This repository is the supplementary code for for paper "SDTR: Soft Decision Tree Regressor for Tabular Data" (link).
Some I/O schemes and data downloaders are taken from NODE(https://github.com/Qwicen/node). Much appreciated.
Please refer to lib/data.py and use
fetch_{dataset_name}()
functions to download datasets.
Then, simply run:
python3 single_sdtr.py
Dataset and parameters can be modified in the python file single_sdtr.py
. Note that it will automatically perform a hyper-parameter search.
Some hyper-parameters for SDTR model(DenseBlockSDTR):
- input_dim: the dimension of input data.
- layer_dim: how many trees are contained in a single layer.
- num_layers: how many (boosted)layers of trees.
- tree_dim: The output dimension of a tree. i.e. the dimension of 'weight vector' at the tree's leaves.

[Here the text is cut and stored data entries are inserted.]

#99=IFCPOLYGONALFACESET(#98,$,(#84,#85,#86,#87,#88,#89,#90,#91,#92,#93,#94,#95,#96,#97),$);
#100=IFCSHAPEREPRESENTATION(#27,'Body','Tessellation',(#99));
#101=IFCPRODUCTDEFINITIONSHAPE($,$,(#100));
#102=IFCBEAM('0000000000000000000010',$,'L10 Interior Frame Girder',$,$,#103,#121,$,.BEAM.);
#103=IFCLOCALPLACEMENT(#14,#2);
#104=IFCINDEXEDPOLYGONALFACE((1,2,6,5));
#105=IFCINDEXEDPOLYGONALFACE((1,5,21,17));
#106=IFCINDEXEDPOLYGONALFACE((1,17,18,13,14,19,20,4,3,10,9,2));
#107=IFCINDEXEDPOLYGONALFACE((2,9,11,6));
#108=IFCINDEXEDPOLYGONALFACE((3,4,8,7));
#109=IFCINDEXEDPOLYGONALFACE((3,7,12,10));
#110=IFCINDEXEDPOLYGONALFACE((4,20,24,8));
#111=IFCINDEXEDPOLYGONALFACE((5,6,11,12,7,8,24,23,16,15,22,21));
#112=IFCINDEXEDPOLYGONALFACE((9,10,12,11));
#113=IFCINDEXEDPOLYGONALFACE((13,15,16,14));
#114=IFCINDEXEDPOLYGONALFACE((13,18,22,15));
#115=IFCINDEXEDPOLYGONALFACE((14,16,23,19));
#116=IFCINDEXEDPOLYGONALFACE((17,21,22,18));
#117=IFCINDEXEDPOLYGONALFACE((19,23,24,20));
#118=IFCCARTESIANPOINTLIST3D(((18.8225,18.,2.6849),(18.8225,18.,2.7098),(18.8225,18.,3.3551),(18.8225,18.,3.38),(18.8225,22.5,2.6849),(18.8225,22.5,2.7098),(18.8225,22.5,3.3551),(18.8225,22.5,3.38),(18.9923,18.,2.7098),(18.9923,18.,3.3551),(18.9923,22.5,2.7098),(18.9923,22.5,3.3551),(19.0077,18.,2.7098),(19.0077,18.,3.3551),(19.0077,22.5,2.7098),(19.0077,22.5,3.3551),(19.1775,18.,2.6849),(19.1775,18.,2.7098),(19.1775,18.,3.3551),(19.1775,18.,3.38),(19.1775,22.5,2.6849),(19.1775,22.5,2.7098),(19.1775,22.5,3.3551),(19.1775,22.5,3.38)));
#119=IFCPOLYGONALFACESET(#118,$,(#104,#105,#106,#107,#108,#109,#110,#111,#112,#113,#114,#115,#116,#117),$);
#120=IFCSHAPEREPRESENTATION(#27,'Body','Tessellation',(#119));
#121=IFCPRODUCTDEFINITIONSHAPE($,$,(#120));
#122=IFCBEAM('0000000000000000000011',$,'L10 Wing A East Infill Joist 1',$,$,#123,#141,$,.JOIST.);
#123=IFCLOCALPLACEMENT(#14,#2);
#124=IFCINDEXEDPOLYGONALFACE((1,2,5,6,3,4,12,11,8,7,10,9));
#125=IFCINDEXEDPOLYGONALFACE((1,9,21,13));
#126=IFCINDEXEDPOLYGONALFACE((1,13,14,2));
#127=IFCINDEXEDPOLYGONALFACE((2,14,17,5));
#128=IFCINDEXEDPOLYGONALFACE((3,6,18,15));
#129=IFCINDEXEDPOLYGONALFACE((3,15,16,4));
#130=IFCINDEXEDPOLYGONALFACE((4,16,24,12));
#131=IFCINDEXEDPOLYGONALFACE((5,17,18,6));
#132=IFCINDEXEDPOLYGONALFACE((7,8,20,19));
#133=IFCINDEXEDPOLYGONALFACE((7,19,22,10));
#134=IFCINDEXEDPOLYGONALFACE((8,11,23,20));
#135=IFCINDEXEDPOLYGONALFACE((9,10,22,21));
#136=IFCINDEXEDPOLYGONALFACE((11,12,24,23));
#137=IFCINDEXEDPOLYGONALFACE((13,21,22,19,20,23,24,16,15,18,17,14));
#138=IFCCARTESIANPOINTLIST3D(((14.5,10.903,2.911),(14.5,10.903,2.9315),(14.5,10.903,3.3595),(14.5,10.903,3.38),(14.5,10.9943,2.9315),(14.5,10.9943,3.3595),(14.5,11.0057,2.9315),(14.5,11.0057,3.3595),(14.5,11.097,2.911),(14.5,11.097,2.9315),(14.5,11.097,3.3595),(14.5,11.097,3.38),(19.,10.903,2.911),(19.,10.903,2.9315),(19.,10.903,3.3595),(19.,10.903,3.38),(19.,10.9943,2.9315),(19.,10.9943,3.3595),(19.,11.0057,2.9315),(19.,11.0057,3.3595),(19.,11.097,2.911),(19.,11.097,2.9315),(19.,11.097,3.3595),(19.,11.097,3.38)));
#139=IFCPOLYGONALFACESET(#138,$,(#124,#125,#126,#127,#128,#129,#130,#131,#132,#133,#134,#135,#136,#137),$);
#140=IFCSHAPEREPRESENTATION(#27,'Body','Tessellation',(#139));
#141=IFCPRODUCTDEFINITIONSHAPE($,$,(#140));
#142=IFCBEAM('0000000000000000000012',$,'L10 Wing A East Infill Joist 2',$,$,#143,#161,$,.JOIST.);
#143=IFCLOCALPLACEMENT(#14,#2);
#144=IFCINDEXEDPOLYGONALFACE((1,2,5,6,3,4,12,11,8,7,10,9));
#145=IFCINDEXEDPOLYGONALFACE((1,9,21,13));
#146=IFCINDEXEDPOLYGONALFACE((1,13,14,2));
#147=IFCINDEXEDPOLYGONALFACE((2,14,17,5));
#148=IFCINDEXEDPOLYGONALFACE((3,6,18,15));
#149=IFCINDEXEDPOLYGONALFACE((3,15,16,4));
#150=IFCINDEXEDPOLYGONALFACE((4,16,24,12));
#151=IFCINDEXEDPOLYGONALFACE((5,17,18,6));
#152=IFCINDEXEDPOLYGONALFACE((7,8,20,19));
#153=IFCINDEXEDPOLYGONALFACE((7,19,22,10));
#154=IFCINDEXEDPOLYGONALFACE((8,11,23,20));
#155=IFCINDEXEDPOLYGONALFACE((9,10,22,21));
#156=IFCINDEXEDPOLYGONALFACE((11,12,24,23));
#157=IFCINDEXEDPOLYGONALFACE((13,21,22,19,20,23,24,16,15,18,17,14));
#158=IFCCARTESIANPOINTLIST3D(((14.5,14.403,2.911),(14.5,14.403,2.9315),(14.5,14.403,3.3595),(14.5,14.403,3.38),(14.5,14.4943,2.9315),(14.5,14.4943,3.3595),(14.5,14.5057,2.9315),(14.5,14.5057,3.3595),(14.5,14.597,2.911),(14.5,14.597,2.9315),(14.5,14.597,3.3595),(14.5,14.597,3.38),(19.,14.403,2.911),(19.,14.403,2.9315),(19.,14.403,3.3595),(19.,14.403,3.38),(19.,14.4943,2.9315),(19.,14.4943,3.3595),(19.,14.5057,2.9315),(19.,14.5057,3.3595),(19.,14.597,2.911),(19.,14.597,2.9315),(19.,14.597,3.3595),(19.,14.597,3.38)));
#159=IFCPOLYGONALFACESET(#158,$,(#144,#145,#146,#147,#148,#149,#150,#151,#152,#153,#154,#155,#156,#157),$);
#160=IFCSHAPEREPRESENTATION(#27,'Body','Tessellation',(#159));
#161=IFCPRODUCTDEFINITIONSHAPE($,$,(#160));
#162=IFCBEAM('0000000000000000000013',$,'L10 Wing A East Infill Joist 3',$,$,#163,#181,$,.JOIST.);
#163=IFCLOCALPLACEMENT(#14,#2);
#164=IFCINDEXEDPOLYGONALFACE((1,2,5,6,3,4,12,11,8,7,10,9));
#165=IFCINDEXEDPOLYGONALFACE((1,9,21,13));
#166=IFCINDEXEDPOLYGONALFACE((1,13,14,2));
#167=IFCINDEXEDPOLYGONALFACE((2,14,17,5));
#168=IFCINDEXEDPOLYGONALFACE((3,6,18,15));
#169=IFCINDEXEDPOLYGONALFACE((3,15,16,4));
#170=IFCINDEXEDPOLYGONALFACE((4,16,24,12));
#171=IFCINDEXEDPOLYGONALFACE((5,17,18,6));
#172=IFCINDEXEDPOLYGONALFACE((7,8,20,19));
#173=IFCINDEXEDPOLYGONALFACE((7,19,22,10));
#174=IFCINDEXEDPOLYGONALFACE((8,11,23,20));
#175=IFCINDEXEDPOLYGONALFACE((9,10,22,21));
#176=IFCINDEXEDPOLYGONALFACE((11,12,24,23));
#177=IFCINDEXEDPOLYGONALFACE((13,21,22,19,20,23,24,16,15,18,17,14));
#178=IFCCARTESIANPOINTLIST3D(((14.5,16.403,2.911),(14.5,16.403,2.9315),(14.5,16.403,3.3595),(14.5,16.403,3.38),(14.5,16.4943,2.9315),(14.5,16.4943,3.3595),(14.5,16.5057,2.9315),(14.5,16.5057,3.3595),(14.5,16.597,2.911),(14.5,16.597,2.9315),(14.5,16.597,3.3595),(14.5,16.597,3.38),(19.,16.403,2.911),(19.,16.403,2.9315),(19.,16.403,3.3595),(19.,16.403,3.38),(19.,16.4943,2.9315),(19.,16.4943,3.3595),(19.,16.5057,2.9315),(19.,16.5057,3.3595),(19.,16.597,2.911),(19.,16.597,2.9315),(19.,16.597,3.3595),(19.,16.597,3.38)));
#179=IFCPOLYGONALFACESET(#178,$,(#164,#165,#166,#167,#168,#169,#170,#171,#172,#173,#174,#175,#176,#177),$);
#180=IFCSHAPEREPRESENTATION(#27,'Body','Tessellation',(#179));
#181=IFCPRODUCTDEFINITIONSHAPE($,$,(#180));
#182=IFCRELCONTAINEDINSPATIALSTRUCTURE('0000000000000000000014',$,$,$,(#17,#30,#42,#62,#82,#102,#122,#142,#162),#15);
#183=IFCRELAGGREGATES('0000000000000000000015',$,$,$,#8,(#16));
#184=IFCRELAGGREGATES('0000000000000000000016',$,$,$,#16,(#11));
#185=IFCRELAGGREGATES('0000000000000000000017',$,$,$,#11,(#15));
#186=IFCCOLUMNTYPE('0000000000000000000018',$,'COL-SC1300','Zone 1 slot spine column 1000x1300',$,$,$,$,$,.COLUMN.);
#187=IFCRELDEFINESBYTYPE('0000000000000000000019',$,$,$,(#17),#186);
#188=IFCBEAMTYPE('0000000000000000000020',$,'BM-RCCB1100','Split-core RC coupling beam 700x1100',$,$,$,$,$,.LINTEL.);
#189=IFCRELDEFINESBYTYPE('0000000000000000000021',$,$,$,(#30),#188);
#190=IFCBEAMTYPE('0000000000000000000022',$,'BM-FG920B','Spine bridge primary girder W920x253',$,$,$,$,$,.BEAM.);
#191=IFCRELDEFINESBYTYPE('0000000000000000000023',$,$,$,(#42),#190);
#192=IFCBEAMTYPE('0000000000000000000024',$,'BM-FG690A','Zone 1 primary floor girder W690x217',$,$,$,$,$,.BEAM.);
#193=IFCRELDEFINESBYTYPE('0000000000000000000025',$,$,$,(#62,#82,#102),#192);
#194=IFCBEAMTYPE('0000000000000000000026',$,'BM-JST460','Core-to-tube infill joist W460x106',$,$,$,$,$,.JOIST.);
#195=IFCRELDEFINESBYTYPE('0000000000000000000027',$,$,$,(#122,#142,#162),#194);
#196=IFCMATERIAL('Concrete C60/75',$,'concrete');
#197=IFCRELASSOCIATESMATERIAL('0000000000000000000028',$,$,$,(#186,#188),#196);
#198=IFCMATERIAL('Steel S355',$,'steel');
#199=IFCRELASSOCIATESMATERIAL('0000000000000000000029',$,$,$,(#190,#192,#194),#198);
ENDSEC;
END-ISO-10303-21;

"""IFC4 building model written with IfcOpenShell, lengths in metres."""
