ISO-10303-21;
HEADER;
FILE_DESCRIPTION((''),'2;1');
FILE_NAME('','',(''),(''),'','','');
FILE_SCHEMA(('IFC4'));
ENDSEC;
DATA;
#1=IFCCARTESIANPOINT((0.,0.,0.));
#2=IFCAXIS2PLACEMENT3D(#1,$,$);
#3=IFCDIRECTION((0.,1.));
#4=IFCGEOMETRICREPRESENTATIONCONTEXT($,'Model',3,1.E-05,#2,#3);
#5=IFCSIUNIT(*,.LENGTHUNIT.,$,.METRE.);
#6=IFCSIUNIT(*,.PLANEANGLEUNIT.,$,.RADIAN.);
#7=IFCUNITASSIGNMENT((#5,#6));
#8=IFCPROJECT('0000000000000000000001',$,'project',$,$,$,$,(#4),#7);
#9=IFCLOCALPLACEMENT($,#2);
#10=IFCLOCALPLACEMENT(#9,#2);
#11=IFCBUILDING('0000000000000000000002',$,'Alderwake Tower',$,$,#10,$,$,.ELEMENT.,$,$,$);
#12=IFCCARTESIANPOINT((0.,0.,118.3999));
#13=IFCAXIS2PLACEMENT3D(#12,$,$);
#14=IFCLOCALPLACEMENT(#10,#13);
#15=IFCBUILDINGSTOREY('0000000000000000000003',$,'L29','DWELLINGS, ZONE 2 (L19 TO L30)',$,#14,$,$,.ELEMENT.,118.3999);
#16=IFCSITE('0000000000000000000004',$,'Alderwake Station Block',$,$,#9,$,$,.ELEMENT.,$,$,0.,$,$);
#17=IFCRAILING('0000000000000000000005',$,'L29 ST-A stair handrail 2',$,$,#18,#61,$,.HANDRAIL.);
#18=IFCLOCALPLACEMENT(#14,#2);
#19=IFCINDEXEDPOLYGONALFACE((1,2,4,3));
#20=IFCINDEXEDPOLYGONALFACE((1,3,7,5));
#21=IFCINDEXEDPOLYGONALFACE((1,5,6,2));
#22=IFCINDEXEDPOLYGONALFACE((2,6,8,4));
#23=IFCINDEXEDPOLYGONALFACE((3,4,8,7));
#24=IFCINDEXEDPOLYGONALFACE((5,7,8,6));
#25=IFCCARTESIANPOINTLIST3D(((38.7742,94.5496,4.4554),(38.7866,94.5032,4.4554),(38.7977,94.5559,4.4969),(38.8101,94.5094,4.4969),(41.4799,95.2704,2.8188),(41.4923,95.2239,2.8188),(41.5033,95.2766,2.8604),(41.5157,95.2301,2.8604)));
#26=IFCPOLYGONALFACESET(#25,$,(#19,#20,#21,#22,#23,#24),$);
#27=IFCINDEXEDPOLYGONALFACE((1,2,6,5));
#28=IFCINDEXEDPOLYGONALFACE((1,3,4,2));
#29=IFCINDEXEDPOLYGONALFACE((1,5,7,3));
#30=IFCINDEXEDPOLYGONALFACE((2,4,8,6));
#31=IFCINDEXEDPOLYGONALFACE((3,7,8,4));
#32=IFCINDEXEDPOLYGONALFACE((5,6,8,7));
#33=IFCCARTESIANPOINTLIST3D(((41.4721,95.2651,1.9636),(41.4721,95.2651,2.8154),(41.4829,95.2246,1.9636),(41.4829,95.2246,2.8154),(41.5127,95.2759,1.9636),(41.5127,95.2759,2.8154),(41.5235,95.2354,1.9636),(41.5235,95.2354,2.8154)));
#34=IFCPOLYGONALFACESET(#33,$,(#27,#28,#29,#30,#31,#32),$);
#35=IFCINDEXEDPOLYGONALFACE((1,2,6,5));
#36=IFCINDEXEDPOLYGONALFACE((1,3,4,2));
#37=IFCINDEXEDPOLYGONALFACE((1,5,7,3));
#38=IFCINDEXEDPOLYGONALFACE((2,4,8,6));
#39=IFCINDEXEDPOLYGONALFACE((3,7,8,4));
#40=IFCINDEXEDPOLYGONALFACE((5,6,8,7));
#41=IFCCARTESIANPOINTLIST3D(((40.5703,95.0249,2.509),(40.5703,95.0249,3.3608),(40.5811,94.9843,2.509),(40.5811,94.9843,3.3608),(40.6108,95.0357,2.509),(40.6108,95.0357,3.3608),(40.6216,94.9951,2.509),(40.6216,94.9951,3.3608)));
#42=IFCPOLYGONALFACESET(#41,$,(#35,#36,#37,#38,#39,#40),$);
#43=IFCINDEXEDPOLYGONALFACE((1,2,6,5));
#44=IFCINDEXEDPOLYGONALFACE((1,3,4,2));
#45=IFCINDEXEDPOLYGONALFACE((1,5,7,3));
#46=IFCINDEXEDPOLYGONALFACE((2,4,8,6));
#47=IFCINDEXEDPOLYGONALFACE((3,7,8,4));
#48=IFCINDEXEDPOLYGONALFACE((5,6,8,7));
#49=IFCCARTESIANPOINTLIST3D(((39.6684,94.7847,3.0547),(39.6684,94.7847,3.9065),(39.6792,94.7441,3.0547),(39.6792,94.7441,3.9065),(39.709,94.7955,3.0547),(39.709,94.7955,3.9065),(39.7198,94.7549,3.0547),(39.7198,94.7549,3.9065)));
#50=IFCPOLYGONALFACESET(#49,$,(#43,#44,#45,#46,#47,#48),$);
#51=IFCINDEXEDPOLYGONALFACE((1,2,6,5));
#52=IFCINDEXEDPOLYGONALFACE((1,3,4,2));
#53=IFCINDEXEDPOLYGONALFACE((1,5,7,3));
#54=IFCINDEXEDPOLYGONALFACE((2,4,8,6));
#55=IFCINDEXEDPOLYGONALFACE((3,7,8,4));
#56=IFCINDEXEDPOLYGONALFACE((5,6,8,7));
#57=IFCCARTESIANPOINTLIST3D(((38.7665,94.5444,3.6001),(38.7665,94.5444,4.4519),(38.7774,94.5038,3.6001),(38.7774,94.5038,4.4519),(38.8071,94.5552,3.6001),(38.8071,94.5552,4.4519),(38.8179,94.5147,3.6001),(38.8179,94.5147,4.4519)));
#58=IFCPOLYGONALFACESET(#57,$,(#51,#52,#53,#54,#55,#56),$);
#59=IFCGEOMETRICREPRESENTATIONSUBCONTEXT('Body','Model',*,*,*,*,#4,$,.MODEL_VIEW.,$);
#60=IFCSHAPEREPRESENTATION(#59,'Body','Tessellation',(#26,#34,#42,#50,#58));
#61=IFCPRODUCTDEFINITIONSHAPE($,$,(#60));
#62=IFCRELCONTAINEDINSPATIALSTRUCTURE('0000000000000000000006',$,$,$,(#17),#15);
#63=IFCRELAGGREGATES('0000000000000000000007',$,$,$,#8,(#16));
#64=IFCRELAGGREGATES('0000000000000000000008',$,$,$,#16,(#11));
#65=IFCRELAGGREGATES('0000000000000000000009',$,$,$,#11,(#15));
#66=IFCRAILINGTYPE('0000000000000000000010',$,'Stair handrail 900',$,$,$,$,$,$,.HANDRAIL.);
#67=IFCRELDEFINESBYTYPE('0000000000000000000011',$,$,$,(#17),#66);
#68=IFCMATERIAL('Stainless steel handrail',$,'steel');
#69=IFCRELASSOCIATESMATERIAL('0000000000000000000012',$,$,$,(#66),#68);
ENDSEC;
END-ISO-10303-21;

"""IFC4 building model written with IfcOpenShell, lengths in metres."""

from ifc_helpers import new_model, si_unit, direction, frame, origin, origin_2d, place, context, subcontext, project, spatial, rectangle, extrude, material, type_object, element, save


model = new_model("IFC4")

# Units and contexts
model_context = context("Model", 3, precision=1e-05, world=origin(), true_north=direction((0.0, 1.0)))
body_context = subcontext(model_context, "Body", "Model", "MODEL_VIEW")
ifc_project = project(units=[si_unit("LENGTHUNIT", "METRE"), si_unit("PLANEANGLEUNIT", "RADIAN")], contexts=[model_context])

# Site, building, storey
site_placement = place(None, origin())
site = spatial("IfcSite", under=ifc_project, at=site_placement, Name="Alderwake Station Block", CompositionType="ELEMENT", RefElevation=0.0)
building_placement = place(site_placement, origin())
building = spatial("IfcBuilding", under=site, at=building_placement, Name="Alderwake Tower", CompositionType="ELEMENT")
storey_placement = place(building_placement, frame((0.0, 0.0, 118.3999)))
storey = spatial("IfcBuildingStorey", under=building, at=storey_placement, Name="L29", Description="DWELLINGS, ZONE 2 (L19 TO L30)", CompositionType="ELEMENT", Elevation=118.3999)

# Railing
ifc_material_1 = material(Name="Stainless steel handrail", Category="steel")
railing_type_1 = type_object("IfcRailingType", Name="Stair handrail 900", PredefinedType="HANDRAIL", material=ifc_material_1)
railing_1_placement = place(storey_placement, frame((41.4978, 95.2502, 1.9636)))
element("IfcRailing", 1, at=railing_1_placement, inside=storey, type_object=railing_type_1, Name="L29 ST-A stair handrail 2", PredefinedType="HANDRAIL", context=body_context, shape_type="SweptSolid", body=[
    extrude(rectangle(XDim=0.0481, YDim=0.0481, at=origin_2d()), frame((0.0, 0.0, 0.876), z_axis=(-0.834259, -0.222228, 0.504605), x_axis=(0.257402, -0.966304, 0.0)), (0.0, 0.0, 1.0), 3.2432),
    extrude(rectangle(XDim=0.042, YDim=0.042, at=origin_2d()), frame((0.0, 0.0, 0.0), z_axis=(0.0, 0.0, 1.0), x_axis=(-0.966304, -0.257402, 0.0)), (0.0, 0.0, 1.0), 0.8518),
    extrude(rectangle(XDim=0.042, YDim=0.042, at=origin_2d()), frame((-0.9019, -0.2402, 0.5454), z_axis=(0.0, 0.0, 1.0), x_axis=(-0.966304, -0.257402, 0.0)), (0.0, 0.0, 1.0), 0.8518),
    extrude(rectangle(XDim=0.042, YDim=0.042, at=origin_2d()), frame((-1.8037, -0.4805, 1.0911), z_axis=(0.0, 0.0, 1.0), x_axis=(-0.966304, -0.257402, 0.0)), (0.0, 0.0, 1.0), 0.8518),
    extrude(rectangle(XDim=0.042, YDim=0.042, at=origin_2d()), frame((-2.7056, -0.7207, 1.6365), z_axis=(0.0, 0.0, 1.0), x_axis=(-0.966304, -0.257402, 0.0)), (0.0, 0.0, 1.0), 0.8518),
])

save(model, "model.ifc")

- max_features: As the boosting process continues, the input_dim for the following layers are growing rapidly. This hyper-param controls the max number of features that a tree can process (preventing OOM).
We also provide the unofficial evaluation scripts for gcForest gcf.py
, tabnet tabnet_tuning.py
and NODE notebooks/epsilon_node_multigpu.ipynb
.
Some essential packages are probably not included in requirements.txt
, especially the packages for gcForest and tabnet.